Le chrétien et sa culture

Le sujet revient tous les ans et même plusieurs fois par années. Devrait-on, nous, chrétiens authentiques, fêter Noël? Halloween? Il est beaucoup plus large: peut-on écouter du rap? Du heavy-metal? Acheter un iPhone…? Tout le monde y va de son propre avis/expérience et de ses documents aux sources aussi secrètes que les sociétés prétendument à l'origine du premier 25 Décembre.

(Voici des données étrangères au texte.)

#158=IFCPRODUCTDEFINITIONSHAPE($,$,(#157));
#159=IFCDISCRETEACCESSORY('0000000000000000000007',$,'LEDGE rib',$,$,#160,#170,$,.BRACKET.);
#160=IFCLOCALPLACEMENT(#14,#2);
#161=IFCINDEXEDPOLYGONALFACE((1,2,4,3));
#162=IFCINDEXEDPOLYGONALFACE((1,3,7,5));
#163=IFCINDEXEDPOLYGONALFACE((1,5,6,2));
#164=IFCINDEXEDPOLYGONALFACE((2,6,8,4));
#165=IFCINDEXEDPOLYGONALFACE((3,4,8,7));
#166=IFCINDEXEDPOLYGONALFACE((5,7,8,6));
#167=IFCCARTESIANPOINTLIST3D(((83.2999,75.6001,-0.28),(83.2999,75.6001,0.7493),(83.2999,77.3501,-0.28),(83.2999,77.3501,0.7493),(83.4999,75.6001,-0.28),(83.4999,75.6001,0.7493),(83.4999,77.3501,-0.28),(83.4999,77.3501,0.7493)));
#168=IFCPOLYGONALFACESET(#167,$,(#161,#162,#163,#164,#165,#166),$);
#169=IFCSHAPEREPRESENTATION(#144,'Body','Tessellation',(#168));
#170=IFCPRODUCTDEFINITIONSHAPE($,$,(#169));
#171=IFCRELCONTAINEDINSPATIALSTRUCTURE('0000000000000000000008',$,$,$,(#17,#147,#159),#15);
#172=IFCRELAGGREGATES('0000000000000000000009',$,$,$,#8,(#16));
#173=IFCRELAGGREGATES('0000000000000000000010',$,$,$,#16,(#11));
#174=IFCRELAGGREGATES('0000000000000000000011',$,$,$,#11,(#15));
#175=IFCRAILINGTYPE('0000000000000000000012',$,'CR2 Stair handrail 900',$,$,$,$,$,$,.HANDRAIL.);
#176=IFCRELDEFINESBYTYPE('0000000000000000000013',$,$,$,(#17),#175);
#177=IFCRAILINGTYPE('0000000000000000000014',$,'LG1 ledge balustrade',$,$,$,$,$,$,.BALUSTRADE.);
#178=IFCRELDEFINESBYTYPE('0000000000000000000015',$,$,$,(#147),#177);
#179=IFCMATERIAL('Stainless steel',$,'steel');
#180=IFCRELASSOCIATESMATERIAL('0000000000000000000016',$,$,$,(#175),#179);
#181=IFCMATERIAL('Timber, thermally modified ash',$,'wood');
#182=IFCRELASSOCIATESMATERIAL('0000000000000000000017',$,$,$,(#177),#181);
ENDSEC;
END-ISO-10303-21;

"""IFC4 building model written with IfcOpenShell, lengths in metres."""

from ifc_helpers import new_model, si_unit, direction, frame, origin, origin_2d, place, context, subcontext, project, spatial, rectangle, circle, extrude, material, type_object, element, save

Aujourd'hui, je propose sommairement un décryptage des 3 approches historiques chrétiennes majoritaires face à la culture. En matière de rapport à celle-ci, vous êtes vous-même obligatoirement plongé dans l'une des 3. Apprenez à l'identifier et à la questionner en quelques minutes.

  1. L’acceptation (Irréligion)

La première approche consiste à accepter tout élément de la culture ambiante sans aucun esprit critique. Elle mène rapidement au syncrétisme et au compromis. Les chrétiens qui acceptent tout en matière de culture finissent par avoir un cœur partagé. L’acceptation mène, dans l’Histoire de l’Église, par exemple à ce qu’on appelle le « libéralisme » et à l’irréligion. Dans l’acceptation, nos motivations peuvent être très bonnes: paraître pertinent, aimer, évangéliser… mais ce n’est pas la voix de l’Évangile, qui n’accepte pas tout sous prétexte d’aimer.

  1. Le rejet (Religion)

La seconde approche consiste à rejeter tout élément culturel, le plus souvent à cause de ses origines païennes et idolâtres. Les chrétiens qui cèdent à cette approche tombent dans un sacralisme anti-biblique, un sectarisme, pour ne pas dire fondamentalisme motivé par la crainte. Là aussi, les motivations sont très bonnes; mais en ne voulant pas se souiller, on en oublie rapidement l’Évangile qui dit que notre problème est interne (Mc 7).

  1. Le rachat (Évangile)

La troisième voix est celle de l’Évangile. C’est se poser, par exemple, la question : « Qu’est-ce qui, dans cette tradition, soutient/défigure la vérité de l’Évangile? » ou « Comment peut-on proclamer l’Évangile en utilisant cet aspect culturel? ». L’approche du rachat de la culture, c’est saisir les opportunités et identifier les obstacles à la Vérité pour mieux expliquer l’Évangile.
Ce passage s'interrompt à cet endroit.